Based on the numbers in the paper this is just a little bit too slow for use as a real time video effect. At ~0.1 seconds per frame we just need about a 3x improvement in performance to get to 30fps “real time” video frame rates.

And on that thought since it appears they used nVidia hardware based on the CUDA dependency, it would be interesting to see how this performs on something like an M1/M2 where there’s dedicated ML hardware to help offload and accelerate things.

speedgoose · on Jan 15, 2023

The paper also says they used 8 Tesla V100. They are GPUs that are dedicated for ML and quite a bit more powerful than a m2.

godmode2019 · on Jan 15, 2023

Can you confirm that was for inference? I thought that was only for training 55min on 8x v100

speedgoose · on Jan 15, 2023

You are right, inference only uses one single v100 according to the paper.

techdragon · on Jan 15, 2023

I missed the bit about using 8 of them to run it! Wow that’s a lot of GPU horsepower to do this. More efficient to just use a vtuber style pipeline using unreal engine and the metahumans or other avatars… only need one good GOU for that.
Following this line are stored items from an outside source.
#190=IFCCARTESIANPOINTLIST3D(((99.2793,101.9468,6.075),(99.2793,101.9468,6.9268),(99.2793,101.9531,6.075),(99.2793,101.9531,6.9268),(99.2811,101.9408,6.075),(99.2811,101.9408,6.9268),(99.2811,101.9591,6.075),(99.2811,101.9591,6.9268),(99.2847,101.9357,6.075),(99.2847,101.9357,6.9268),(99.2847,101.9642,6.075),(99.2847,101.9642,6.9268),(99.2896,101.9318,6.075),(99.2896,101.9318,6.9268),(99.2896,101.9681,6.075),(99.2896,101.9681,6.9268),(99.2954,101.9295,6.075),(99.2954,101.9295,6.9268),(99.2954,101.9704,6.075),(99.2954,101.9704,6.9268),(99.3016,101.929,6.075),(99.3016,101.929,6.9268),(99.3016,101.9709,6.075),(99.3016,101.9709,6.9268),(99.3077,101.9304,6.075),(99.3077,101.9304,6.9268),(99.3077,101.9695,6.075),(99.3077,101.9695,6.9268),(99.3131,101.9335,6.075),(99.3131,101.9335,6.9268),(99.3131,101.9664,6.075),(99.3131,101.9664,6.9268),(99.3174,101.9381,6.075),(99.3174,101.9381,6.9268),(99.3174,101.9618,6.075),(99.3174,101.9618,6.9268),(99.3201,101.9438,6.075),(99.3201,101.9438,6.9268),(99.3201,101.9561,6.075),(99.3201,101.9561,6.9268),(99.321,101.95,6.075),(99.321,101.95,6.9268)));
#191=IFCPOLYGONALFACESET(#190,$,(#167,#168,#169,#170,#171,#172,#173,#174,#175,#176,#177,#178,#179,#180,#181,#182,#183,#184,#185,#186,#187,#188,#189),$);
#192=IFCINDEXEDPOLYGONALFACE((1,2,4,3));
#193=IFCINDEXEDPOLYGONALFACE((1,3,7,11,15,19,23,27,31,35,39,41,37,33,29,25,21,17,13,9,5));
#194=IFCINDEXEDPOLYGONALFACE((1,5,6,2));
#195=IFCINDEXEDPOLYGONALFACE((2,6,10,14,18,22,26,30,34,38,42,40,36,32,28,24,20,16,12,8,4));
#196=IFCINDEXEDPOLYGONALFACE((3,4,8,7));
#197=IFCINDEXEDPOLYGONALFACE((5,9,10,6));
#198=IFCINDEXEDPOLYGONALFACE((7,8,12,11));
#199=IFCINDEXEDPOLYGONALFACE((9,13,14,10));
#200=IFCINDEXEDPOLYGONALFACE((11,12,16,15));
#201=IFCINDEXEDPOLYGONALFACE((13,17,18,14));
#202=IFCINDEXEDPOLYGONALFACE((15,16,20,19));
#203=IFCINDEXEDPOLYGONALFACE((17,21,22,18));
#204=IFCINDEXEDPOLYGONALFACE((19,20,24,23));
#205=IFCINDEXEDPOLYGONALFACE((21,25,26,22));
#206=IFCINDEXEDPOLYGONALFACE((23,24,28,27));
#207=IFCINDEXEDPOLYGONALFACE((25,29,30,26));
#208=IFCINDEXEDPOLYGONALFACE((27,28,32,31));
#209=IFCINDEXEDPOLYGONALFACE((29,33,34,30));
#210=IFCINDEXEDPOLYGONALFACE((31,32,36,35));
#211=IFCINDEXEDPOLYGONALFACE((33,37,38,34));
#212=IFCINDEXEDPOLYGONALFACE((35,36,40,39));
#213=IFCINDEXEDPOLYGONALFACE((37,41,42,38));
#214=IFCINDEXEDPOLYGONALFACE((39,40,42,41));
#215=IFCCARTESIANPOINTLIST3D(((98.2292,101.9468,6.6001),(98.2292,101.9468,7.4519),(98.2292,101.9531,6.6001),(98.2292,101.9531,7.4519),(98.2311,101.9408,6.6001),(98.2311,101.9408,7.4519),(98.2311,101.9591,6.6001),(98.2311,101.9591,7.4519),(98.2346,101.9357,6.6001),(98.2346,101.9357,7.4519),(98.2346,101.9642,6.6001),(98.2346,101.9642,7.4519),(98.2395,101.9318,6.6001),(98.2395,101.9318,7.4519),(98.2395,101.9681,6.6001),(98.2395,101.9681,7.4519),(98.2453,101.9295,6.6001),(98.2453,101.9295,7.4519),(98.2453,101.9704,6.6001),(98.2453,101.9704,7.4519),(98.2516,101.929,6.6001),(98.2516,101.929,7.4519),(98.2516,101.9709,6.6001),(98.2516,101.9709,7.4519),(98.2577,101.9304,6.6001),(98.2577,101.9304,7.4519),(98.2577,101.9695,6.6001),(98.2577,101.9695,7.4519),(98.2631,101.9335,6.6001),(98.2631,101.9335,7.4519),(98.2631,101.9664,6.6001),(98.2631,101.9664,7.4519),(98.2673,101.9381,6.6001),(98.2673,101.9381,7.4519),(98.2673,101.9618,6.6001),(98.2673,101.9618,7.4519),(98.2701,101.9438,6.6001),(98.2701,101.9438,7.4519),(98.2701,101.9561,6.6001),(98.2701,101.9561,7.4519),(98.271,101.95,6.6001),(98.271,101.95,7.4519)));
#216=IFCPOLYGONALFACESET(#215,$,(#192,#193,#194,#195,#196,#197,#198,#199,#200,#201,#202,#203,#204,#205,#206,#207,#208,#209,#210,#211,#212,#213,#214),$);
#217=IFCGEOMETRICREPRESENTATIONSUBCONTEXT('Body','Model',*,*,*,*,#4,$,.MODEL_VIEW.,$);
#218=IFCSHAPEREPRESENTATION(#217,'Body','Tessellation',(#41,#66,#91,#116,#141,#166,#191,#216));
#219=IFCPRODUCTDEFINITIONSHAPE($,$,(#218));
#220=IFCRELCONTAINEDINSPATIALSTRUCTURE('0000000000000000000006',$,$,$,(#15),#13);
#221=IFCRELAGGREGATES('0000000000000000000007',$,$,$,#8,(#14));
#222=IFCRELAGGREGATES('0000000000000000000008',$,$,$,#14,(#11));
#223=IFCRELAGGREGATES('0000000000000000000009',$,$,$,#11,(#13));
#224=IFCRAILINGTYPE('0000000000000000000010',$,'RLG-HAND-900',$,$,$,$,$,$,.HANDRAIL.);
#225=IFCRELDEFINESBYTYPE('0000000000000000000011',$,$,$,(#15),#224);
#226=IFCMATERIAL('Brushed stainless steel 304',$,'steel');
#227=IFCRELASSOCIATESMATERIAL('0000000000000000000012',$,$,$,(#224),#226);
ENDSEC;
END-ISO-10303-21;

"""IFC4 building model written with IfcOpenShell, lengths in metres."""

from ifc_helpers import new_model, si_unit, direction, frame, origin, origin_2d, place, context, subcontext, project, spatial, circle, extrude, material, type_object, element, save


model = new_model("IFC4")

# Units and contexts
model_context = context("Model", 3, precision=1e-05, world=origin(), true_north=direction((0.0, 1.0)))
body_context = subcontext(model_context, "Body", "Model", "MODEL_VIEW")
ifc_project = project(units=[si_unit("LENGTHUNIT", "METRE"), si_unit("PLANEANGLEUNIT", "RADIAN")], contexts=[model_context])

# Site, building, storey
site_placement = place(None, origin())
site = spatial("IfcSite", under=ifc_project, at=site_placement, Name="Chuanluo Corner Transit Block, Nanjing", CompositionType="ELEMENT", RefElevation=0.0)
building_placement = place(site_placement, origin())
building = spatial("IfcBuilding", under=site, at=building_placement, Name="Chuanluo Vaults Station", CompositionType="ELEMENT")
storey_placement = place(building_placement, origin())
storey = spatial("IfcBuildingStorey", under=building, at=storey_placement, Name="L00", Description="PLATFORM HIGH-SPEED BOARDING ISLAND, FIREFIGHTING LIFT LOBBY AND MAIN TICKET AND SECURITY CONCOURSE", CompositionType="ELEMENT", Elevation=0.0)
techdragon · on Jan 15, 2023

Follow up,glad to know I read it right the first time.

drusepth · on Jan 15, 2023

Does M1/M2 really outperform CUDA on beefy ML GPUs in tasks like this? I'd love to see numbers if so; this seems extremely surprising.

fathyb · on Jan 15, 2023

M1 performs better in some realtime use-cases because of the unified memory: the GPU and ML hardware can work on a camera framebuffer directly without any copy.

CUDA always requires sending data over the PCI bus, at least when it comes to realtime camera processing. GPUDirect exists but it's optimized for disks and NICs, I don't believe it's possible to use it with cameras.

techdragon · on Jan 15, 2023

No idea actually, I just find all sorts of odd benchmarks crop up for things where the Unified Memory Architecture on the M1/M2 give things surprising good performance due to the DMA transfer performance hit on other CPU/GPU combinations… it’s far from universal, but it’s just been surprising to see and this looked like the sort of thing that might be one of them between the camera decoding the ML & GPU processing and then “rendering” back out… where it might have had some benefits, hence my “wondering out loud”.

kevingadd · on Jan 15, 2023

nVidia hardware has dedicated ML silicon, though?

techdragon · on Jan 15, 2023

It’s been a while since I bothered looking at anything made by nVidia, I didn’t like their business practices and to be honest… Living in the Mac ecosystem for 90% of my work/life means I followed the paltry AMD rocM stuff ardently and was so happy when Apple made an effort up front to get the M1 and M2 chips supported by the major ML frameworks.

Uehreka · on Jan 15, 2023

Sure, but that’s not too far from the 12fps that cartoon animators often actually use.

techdragon · on Jan 15, 2023

That’s a good point. I did briefly think about 24fps for “cinema” but as that’s a bit of a weird frame rate for a streaming webcam I dismissed the idea. But the video does actually have just enough frame rate to look smooth and I suppose that’s because it’s landing near enough to 12fps that combined with “looks like cartoon”, my brain is filing in the rest and barely noticing.